No study is without its limitations, and those associated with the current study should be acknowledged. First and foremost, the study is based on a phantom lacking the rich anatomical complexity of the human lung. Second, the imaging task was specified and unvarying—detection of a simulated small solid nodule—analogous to surveillance of a known nodule but an oversimplification of complex diagnostic tasks. Studies have demonstrated that nodules larger than 3.2 mm in diameter may also be difficult to detect but such nodules were not considered here.¹⁰ Third, the 9AFC tests, though well suited to phantom studies involving a large number of cases, do not reproduce the complexity of a true diagnostic search in a real chest image. Furthermore, observers may have used different criteria to guide their 9AFC selections, such as edge detection, shape, or contrast, which may also be true in the clinic but hinders our ability to evaluate the effect of each criterion separately on detectability. Another difference from the clinical scenario is the absence of motion artifacts, which are reduced but not eliminated in volumetric CT with high gantry rotation speed. The cone-beam artifact may also affect the resolution of nodules differentially based on their location in the beam; however, the nodules in this study were in fairly close proximity (within a few cm in the z direction) to the central plane, so the effects of this artifact on detectability were probably small. Another limitation is the inability to scroll adjacent slices in viewing suspicious structures in the ROIs. These limitations considered together likely resulted in higher observer performance (i.e., lower D_thresh) than might be expected in the clinic; however, the overall trends observed are expected to hold—specifically, the reconstruction parameters (filter and slice thickness) leading to optimal performance and the significant difference in detectability limits (a factor of ∼8.6 in dose) between average and obese body habitus.

CONCLUSIONS

Knowledgeable selection of acquisition and reconstruction techniques can reduce the dose required for accurate detection of small lung nodules. The low-dose threshold D_thresh for nodule detection in the obese body size increased in comparison to the average body size by a factor of 8.6 (in terms of CTDIvol.e) and 2.5 (in terms of absolute dose measured in the lung). Results suggest that images are degraded in the larger habitus mainly due to increased noise (reduced fluence reaching the detector) rather than from scatter, beam hardening, or spatial resolution effects. To maintain a high level of detectability across a spectrum of patient sizes, it is necessary to knowledgeably adjust the dose and reconstruction parameters. The low-dose detectability limits identified in this study suggest that current clinical low-dose protocols [e.g., 120 kVp, 25 mAs, CTDIvol.e=1.0 mGy] are appropriate for large patients and suggest the potential for further dose reduction in average-sized patients.

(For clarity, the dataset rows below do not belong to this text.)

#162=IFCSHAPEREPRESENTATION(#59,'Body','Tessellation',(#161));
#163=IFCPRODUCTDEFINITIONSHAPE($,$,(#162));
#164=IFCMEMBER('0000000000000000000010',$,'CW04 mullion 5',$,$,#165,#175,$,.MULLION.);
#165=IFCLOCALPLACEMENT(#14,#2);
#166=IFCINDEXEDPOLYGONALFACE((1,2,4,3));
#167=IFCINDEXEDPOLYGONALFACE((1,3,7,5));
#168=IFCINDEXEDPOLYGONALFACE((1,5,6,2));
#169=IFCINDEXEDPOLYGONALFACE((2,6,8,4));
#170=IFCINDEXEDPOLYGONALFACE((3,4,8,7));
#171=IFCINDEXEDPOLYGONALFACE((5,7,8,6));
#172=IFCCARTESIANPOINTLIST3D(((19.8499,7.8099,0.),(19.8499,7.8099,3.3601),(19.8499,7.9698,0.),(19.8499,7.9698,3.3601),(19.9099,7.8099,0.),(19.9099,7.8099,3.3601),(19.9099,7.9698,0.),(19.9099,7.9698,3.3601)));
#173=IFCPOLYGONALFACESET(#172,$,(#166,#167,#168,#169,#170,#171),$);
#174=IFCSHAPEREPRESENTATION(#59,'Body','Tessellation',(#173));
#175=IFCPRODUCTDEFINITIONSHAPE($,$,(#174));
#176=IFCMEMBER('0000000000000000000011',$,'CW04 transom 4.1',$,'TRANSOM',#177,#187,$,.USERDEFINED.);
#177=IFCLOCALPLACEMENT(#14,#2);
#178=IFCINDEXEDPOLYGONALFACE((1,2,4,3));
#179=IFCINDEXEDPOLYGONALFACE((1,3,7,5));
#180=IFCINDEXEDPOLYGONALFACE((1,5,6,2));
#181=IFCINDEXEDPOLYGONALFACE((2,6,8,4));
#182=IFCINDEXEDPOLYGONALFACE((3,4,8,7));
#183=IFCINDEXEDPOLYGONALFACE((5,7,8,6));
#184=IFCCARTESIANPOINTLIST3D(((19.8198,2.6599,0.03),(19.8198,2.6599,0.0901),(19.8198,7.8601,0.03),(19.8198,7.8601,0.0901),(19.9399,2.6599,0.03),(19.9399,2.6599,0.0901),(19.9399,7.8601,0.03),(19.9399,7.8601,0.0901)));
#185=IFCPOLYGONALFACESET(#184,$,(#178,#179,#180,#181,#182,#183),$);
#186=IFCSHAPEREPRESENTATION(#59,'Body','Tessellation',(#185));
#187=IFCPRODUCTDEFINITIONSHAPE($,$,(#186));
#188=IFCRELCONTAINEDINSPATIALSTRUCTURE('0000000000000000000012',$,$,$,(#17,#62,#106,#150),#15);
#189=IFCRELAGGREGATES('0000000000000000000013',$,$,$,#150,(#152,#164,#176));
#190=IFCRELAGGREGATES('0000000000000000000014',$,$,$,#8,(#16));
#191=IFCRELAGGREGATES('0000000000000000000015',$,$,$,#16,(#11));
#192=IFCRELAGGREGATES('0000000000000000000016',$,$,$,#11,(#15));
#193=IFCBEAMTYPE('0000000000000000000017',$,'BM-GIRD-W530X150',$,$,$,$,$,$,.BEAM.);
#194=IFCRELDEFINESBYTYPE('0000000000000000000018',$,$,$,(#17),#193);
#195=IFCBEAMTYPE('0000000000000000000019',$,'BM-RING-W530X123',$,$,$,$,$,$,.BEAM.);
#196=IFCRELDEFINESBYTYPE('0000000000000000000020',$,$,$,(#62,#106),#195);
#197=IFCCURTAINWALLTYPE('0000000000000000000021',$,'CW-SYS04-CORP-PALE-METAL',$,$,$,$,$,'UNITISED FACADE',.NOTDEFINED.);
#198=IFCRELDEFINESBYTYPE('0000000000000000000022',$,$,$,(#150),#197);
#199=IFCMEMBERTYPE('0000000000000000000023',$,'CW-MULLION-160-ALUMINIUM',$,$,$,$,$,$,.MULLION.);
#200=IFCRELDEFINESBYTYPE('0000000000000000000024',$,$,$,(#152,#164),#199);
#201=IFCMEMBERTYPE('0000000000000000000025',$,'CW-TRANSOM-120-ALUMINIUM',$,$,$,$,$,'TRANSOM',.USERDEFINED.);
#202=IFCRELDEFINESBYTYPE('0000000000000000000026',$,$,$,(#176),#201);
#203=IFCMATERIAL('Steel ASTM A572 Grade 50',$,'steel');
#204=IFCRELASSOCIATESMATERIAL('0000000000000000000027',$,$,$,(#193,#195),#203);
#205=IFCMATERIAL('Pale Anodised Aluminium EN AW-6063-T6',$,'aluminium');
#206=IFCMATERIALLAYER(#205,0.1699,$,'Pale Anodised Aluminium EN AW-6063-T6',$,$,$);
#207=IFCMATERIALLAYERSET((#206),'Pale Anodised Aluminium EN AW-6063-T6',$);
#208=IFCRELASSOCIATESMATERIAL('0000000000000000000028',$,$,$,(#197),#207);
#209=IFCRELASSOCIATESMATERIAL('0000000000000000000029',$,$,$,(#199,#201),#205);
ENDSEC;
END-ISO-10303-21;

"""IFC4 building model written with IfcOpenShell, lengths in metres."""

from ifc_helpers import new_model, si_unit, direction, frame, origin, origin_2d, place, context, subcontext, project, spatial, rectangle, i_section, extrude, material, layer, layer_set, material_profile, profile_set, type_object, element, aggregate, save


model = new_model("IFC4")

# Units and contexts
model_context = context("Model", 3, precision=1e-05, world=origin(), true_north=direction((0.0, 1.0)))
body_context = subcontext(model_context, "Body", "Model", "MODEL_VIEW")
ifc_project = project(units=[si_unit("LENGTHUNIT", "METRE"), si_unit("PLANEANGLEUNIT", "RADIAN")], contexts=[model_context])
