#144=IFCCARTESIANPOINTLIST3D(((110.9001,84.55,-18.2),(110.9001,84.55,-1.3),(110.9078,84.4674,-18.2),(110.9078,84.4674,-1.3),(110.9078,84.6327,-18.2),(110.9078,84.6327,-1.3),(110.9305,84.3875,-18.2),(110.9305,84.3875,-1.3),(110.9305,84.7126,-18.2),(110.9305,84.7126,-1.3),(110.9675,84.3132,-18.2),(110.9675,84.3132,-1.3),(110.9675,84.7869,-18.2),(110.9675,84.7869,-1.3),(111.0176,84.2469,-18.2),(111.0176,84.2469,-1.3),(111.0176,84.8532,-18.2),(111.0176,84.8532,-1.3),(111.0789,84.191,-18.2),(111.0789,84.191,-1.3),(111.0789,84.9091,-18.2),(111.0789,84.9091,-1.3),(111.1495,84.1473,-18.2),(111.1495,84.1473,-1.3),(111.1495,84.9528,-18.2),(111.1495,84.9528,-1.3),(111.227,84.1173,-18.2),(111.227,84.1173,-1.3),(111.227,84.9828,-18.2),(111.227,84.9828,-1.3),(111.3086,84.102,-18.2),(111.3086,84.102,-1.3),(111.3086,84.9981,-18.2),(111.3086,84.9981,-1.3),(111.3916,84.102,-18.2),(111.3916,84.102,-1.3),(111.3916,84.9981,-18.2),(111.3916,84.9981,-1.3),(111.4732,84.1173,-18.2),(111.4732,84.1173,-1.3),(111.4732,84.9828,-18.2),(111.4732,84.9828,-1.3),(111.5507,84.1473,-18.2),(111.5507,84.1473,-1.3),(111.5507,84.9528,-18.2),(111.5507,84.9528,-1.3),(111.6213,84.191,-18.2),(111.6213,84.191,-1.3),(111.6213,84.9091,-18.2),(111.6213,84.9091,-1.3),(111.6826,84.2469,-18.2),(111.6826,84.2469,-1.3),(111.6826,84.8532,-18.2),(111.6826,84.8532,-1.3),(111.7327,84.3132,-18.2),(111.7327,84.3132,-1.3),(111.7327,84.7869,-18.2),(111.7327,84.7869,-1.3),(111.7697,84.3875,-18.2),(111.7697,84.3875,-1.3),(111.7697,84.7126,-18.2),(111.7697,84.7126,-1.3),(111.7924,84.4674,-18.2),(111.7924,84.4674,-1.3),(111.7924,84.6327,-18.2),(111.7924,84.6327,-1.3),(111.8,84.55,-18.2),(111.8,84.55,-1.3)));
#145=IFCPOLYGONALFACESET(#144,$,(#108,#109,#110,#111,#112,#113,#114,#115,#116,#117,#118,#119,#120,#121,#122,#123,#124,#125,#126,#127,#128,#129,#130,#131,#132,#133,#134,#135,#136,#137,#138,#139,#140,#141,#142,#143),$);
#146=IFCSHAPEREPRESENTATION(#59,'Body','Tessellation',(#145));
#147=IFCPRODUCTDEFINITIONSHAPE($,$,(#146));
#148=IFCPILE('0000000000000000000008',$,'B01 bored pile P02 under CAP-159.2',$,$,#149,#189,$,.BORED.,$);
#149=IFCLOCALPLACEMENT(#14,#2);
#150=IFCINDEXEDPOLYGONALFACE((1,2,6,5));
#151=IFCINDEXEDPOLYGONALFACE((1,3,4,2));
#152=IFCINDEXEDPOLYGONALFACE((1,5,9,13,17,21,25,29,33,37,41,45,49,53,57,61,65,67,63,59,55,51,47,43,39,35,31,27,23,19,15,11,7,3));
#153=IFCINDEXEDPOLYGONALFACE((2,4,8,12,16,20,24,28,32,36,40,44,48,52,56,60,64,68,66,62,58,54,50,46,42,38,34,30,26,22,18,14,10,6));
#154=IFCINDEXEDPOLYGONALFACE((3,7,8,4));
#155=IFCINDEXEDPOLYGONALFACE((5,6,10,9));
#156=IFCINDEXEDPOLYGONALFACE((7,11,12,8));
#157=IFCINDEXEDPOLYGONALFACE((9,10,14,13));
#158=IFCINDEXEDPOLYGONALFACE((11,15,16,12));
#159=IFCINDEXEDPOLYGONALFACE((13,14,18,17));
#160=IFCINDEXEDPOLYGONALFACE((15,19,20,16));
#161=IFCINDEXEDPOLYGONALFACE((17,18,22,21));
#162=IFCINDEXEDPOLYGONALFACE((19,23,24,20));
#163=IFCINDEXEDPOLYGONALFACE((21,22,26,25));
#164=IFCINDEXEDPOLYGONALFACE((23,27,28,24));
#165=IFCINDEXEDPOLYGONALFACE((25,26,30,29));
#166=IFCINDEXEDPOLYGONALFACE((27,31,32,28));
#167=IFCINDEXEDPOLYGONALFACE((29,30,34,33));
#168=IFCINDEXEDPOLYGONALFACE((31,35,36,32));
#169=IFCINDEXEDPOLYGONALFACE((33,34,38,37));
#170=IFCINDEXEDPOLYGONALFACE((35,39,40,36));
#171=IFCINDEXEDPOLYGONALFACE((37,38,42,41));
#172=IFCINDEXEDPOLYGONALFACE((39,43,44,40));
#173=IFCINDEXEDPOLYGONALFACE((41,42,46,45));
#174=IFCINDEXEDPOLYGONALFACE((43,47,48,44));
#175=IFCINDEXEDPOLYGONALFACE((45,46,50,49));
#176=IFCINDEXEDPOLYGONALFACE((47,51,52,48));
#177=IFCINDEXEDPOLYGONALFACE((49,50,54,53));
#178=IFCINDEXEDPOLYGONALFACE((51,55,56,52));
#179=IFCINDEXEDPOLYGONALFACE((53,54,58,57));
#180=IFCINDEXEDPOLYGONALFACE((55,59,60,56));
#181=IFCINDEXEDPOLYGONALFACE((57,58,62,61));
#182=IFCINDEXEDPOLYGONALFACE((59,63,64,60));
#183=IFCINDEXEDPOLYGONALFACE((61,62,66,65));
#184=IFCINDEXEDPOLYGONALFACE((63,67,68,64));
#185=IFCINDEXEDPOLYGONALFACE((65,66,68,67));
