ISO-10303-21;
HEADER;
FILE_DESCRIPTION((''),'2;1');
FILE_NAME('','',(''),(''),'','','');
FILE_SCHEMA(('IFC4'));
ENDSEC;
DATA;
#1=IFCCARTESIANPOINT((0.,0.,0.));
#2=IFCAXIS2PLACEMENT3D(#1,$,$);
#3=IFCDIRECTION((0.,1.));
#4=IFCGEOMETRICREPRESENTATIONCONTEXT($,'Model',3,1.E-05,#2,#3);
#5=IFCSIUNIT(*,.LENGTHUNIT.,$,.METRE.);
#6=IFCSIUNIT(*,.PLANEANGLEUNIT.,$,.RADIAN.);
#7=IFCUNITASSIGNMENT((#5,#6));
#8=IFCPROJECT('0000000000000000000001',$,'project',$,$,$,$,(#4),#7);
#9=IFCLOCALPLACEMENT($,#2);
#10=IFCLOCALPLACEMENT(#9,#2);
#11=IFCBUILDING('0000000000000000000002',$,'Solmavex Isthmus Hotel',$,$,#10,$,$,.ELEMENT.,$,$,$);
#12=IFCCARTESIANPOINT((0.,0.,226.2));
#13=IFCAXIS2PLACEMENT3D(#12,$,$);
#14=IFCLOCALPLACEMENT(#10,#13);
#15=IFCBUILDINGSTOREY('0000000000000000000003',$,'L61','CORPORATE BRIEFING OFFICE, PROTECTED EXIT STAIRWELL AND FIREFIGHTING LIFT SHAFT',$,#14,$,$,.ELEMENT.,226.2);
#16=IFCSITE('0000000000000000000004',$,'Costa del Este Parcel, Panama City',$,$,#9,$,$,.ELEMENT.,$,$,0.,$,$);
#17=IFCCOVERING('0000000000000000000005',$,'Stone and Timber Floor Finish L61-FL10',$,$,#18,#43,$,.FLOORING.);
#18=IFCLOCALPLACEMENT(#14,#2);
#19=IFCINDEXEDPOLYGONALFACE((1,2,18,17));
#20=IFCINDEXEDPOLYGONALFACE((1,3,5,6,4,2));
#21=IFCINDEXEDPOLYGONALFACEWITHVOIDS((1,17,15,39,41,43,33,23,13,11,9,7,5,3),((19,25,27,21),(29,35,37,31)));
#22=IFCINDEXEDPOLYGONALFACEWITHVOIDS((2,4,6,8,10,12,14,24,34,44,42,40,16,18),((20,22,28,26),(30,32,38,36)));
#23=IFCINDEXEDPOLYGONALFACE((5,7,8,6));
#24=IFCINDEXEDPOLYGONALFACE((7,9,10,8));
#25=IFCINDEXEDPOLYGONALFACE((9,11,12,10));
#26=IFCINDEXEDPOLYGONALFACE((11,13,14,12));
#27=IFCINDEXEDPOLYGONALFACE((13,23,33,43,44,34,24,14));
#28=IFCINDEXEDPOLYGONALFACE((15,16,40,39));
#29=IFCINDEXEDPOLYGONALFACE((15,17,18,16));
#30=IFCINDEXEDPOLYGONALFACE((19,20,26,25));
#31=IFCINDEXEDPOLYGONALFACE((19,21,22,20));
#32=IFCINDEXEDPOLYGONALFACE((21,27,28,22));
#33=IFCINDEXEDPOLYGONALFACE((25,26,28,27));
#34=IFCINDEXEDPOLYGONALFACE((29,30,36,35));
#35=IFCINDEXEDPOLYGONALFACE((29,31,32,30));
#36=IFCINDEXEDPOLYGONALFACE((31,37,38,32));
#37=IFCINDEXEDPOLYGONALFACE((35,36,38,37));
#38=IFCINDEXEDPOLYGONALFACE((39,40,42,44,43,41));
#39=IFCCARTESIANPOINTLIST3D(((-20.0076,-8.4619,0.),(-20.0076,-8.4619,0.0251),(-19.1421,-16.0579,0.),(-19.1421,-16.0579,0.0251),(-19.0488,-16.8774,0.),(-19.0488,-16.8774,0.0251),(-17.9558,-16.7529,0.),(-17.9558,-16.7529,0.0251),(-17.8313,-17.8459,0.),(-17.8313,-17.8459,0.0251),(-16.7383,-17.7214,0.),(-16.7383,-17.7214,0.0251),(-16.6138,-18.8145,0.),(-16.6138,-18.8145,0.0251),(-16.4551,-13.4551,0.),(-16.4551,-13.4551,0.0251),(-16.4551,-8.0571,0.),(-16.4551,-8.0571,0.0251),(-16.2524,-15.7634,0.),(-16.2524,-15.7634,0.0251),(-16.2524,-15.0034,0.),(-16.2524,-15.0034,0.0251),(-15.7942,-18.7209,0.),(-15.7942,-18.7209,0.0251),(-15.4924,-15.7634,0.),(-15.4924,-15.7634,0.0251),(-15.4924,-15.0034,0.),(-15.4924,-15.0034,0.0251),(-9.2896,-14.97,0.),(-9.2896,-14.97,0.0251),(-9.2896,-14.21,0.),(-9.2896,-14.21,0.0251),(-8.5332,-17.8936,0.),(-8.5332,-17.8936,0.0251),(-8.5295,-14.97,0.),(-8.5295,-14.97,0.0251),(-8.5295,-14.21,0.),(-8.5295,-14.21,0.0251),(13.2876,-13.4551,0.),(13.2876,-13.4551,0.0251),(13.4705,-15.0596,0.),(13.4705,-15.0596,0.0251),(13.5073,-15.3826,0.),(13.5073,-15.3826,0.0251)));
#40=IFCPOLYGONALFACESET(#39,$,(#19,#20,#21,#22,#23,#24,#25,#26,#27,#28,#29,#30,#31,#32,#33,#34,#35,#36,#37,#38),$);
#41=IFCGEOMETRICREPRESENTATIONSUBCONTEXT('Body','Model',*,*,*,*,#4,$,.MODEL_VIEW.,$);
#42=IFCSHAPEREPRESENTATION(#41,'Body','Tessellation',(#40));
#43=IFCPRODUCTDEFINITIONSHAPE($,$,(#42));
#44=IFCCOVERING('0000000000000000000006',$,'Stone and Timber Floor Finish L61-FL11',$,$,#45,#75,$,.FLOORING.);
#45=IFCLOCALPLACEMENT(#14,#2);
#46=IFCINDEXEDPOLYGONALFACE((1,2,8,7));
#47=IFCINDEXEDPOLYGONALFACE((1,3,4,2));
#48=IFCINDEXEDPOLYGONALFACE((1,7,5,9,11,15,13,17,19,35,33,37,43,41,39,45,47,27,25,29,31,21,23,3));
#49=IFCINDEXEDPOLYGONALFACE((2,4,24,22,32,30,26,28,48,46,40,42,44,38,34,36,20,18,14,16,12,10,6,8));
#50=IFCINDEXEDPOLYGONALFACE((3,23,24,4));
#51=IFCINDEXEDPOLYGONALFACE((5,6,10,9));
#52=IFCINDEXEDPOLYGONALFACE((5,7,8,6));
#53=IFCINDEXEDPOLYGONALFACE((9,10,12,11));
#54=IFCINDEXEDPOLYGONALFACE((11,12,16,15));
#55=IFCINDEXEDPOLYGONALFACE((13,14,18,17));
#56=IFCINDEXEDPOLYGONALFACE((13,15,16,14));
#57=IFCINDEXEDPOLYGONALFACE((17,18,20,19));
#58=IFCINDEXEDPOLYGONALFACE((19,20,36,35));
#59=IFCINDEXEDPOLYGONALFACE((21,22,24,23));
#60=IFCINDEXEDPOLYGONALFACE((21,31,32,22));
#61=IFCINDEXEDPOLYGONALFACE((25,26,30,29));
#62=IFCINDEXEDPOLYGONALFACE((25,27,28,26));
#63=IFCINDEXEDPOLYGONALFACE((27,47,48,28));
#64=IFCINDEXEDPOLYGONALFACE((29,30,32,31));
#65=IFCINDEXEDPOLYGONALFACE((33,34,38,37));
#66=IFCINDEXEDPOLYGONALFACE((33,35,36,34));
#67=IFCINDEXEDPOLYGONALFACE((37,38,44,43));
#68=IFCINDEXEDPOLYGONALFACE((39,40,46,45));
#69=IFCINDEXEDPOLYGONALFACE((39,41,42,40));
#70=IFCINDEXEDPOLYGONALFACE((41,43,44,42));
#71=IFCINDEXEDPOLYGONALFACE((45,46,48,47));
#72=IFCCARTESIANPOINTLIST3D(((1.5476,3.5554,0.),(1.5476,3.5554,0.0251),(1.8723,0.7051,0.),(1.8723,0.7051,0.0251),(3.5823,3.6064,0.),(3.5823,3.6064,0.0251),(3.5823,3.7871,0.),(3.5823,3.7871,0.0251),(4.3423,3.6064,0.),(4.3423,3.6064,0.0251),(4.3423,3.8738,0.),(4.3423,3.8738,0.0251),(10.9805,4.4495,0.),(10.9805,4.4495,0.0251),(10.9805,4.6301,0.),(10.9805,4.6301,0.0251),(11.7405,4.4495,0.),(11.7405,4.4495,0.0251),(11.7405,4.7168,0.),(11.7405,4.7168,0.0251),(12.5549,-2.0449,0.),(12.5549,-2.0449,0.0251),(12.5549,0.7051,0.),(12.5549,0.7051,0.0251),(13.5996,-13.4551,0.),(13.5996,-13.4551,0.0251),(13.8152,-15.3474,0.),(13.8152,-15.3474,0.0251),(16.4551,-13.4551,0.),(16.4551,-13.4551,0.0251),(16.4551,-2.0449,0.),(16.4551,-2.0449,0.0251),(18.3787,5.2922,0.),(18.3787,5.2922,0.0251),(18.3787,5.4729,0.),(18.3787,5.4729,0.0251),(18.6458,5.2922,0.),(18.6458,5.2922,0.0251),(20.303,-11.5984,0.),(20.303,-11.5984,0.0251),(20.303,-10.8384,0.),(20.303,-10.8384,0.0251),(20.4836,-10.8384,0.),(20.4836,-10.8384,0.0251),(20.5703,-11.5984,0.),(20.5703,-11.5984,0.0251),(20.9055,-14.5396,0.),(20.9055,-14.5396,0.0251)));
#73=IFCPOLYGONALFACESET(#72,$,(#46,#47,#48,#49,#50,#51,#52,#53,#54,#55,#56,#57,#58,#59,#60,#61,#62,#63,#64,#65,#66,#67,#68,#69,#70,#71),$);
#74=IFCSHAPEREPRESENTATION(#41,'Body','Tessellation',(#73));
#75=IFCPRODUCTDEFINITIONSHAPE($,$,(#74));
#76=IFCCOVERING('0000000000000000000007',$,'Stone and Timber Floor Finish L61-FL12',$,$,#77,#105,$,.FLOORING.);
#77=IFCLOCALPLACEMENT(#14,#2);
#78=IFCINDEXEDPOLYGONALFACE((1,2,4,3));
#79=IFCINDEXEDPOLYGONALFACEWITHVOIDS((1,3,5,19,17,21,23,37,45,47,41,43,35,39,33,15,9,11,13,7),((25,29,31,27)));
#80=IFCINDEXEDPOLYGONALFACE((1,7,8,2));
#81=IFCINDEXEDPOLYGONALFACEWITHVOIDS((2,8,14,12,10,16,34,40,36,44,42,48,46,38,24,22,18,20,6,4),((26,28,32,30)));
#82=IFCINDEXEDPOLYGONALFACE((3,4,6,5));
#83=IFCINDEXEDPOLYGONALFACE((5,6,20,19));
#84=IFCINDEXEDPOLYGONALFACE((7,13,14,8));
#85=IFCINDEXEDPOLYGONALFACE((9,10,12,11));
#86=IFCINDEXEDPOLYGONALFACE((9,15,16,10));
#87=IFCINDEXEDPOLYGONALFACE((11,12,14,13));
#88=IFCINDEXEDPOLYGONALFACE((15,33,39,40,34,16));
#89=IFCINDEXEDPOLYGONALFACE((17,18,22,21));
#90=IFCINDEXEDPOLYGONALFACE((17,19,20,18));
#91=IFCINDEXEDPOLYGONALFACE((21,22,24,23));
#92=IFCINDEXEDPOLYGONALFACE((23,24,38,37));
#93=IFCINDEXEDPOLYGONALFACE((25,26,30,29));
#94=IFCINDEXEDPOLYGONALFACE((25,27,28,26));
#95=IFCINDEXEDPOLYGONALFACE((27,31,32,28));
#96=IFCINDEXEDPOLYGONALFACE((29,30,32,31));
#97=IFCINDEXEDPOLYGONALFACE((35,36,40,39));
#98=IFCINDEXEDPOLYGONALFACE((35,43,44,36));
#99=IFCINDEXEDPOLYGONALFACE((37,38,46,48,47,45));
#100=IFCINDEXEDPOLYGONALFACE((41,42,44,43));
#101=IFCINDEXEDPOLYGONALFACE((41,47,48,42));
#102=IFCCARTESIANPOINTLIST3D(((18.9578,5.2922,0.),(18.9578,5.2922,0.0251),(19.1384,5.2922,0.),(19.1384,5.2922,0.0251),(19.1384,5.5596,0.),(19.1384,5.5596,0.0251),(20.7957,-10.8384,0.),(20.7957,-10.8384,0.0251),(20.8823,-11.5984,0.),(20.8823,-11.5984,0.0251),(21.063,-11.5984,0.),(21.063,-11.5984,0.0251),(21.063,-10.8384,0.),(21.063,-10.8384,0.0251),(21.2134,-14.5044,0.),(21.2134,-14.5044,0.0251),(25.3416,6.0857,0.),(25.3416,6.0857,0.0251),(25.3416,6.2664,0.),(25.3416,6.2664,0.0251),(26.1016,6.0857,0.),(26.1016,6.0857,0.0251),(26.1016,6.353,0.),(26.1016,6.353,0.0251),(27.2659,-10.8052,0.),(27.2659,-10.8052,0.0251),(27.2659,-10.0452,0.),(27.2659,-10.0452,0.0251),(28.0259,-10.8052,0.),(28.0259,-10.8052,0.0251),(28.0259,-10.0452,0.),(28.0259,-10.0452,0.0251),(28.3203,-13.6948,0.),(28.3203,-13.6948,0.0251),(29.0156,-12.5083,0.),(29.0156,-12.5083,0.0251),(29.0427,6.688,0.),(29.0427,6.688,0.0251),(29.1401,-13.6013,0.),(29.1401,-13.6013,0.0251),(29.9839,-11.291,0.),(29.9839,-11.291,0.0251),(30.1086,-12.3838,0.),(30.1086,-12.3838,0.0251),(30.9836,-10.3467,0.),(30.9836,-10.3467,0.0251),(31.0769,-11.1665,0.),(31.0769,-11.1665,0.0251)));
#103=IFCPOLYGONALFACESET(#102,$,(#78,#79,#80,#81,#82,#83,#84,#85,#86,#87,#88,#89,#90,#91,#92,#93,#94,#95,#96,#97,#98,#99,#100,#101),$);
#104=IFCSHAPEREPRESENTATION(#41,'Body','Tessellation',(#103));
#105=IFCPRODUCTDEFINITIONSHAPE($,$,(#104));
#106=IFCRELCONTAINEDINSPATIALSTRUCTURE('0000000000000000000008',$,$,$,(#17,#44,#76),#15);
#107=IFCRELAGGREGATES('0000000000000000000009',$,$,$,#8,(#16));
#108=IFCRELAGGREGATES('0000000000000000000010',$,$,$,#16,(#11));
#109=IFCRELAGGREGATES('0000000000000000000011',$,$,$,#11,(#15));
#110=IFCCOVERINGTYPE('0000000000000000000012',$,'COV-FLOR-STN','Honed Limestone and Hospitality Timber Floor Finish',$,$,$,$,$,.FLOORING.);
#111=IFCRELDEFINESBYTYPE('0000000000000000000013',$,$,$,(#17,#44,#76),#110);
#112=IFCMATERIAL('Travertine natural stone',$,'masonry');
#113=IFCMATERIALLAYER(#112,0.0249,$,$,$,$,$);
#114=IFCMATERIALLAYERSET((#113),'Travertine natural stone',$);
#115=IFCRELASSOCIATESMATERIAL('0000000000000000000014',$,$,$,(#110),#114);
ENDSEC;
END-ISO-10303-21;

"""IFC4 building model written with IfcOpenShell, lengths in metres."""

from ifc_helpers import new_model, si_unit, direction, frame, origin, place, context, subcontext, project, spatial, polyline, outline, extrude, material, layer, layer_set, type_object, element, save


model = new_model("IFC4")

# Units and contexts
model_context = context("Model", 3, precision=1e-05, world=origin(), true_north=direction((0.0, 1.0)))
body_context = subcontext(model_context, "Body", "Model", "MODEL_VIEW")
ifc_project = project(units=[si_unit("LENGTHUNIT", "METRE"), si_unit("PLANEANGLEUNIT", "RADIAN")], contexts=[model_context])

# Site, building, storey
site_placement = place(None, origin())
site = spatial("IfcSite", under=ifc_project, at=site_placement, Name="Costa del Este Parcel, Panama City", CompositionType="ELEMENT", RefElevation=0.0)
building_placement = place(site_placement, origin())
building = spatial("IfcBuilding", under=site, at=building_placement, Name="Solmavex Isthmus Hotel", CompositionType="ELEMENT")
storey_placement = place(building_placement, frame((0.0, 0.0, 226.2)))
storey = spatial("IfcBuildingStorey", under=building, at=storey_placement, Name="L61", Description="CORPORATE BRIEFING OFFICE, PROTECTED EXIT STAIRWELL AND FIREFIGHTING LIFT SHAFT", CompositionType="ELEMENT", Elevation=226.2)

# Coverings
ifc_material_1 = material(Name="Travertine natural stone", Category="masonry")
ifc_layer_1 = layer(ifc_material_1, 0.0249)
ifc_layer_set_1 = layer_set([ifc_layer_1], Name="Travertine natural stone")
covering_type_1 = type_object("IfcCoveringType", Name="COV-FLOR-STN", Description="Honed Limestone and Hospitality Timber Floor Finish", PredefinedType="FLOORING", material=ifc_layer_set_1)
covering_1_placement = place(storey_placement, origin())
element("IfcCovering", 1, at=covering_1_placement, inside=storey, type_object=covering_type_1, Name="Stone and Timber Floor Finish L61-FL10", PredefinedType="FLOORING", context=body_context, shape_type="SweptSolid", body=[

Proper selection of reconstruction filter and slice thickness was found to maintain detectability at low doses. While sharp filters (e.g., FC50) demonstrated high MTF, performance in nodule detection was significantly degraded at low doses. Smoother filters (e.g., FC1, FC3, and FC11) performed best, reducing the threshold for detection by up to a factor of ∼3 (e.g., for the obese habitus and t_slice=3 mm, D_thresh=1.1 mGy for FC3 compared to 3.2 mGy for FC50). Thicker slices also suppressed image noise, but for slice thickness exceeding the nodule diameter, detectability was degraded due to loss in nodule contrast (partial volume averaging effect). For a 3.2 mm diameter nodule, a slice thickness of 1 or 3 mm slices was superior to 5 mm by a factor of ∼2 in D_thresh (e.g., for the obese habitus and FC3 filter, D_thresh=1.1 mGy for t_slice=3 mm, compared to 1.9 mGy for t_slice=5 mm). An empirical and theoretical understanding of the dependence of lung nodule detectability on dose, reconstruction parameters, and patient size facilitates the implementation of ultralow-dose imaging protocols that are increasingly patient specific (particularly with respect to body habitus) and maintain a high level of diagnostic accuracy in the detection, characterization, and surveillance of early stage lung nodules.